Selama prosesi berlangsung, mereka melantunkan dzikir dan salawat secara lirih sebagai bentuk doa dan pengharapan kepada Tuhan.

Beberapa perlengkapan khusus digunakan dalam ritual ini, antara lain air bunga yang terdiri dari melati, mawar, dan kantil, serta air jeruk nipis untuk membersihkan pusaka. Selain itu, minyak wangi atau minyak boreh dan koyoh digunakan sebagai pelapis agar pusaka tetap terlindungi.

Prosesi juga dilengkapi dengan sesaji berupa jajanan pasar, pisang, dan nasi uduk. Makanan tersebut menjadi simbol rasa syukur dan penghormatan terhadap tradisi leluhur.

Di Keraton Surakarta, pelaksanaan jamasan diawali dengan dhawuh atau perintah langsung dari raja (Sinuhun). Seluruh rangkaian ritual dapat berlangsung selama beberapa jam, bergantung jumlah pusaka yang dijamas dan tata cara yang dijalankan.

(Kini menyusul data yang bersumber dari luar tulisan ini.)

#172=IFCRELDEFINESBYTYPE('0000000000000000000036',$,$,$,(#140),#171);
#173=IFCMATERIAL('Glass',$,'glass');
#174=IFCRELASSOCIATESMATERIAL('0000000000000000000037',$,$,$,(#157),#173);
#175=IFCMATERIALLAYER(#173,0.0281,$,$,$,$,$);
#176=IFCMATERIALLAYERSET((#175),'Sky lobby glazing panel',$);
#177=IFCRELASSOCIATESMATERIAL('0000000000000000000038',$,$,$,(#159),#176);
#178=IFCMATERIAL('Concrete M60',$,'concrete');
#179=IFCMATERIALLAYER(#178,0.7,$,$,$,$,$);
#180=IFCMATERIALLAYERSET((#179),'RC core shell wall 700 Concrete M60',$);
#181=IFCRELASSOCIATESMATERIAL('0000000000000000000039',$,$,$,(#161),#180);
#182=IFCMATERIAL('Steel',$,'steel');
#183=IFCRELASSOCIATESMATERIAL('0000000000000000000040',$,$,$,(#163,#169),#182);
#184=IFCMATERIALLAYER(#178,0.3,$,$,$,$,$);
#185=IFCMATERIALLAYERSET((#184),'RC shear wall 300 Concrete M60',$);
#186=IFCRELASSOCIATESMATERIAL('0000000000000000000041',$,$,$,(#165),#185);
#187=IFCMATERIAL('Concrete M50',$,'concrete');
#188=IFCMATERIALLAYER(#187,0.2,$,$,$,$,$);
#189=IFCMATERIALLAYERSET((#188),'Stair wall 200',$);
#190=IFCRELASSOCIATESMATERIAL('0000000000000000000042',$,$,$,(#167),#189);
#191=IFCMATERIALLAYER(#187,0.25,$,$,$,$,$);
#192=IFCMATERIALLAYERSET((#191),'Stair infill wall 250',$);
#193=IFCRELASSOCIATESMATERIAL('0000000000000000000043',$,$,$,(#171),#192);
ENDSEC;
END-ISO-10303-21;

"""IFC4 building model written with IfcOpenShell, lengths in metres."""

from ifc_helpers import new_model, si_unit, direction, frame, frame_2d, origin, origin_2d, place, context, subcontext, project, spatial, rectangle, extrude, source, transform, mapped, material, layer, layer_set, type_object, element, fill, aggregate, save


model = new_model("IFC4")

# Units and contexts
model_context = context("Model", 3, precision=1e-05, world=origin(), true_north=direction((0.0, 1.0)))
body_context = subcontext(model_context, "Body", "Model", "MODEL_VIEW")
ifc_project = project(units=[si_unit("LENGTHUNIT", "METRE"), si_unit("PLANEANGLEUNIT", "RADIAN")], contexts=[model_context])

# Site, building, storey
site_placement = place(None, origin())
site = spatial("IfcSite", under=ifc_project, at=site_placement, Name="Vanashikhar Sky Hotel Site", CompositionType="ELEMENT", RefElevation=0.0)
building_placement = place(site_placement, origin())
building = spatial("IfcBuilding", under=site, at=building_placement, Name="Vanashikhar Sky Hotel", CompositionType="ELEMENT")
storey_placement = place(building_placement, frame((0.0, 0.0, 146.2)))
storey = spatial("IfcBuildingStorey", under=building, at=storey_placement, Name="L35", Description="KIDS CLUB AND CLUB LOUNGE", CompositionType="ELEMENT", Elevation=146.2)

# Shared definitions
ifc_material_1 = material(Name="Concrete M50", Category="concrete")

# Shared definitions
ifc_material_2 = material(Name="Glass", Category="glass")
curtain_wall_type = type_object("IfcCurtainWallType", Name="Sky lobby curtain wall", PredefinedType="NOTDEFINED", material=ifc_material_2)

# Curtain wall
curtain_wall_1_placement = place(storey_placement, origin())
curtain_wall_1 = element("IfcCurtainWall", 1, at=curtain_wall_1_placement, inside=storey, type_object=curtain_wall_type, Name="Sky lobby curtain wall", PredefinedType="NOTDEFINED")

Bagian dari Kalender Budaya Jawa

Jamasan pusaka merupakan bagian penting dari kalender budaya tahunan Keraton Surakarta. Puncak tradisi ini kerap bertepatan dengan Kirab Pusaka Malam 1 Suro.

Upacara jamasan umumnya dilaksanakan pada bulan Suro atau Muharram dalam penanggalan Jawa. Dalam beberapa tahun, ritual ini juga bertepatan dengan hari Selasa Kliwon, yang dalam kepercayaan Jawa dianggap sebagai hari baik dan memiliki nilai spiritual tersendiri.

Keberlangsungan tradisi Jamasan Pusaka di Keraton Surakarta menjadi bukti bahwa budaya Jawa tidak hanya dirawat sebagai warisan sejarah, tetapi juga dijalani sebagai laku hidup yang mengajarkan keselarasan, penghormatan, dan kebijaksanaan lintas generasi.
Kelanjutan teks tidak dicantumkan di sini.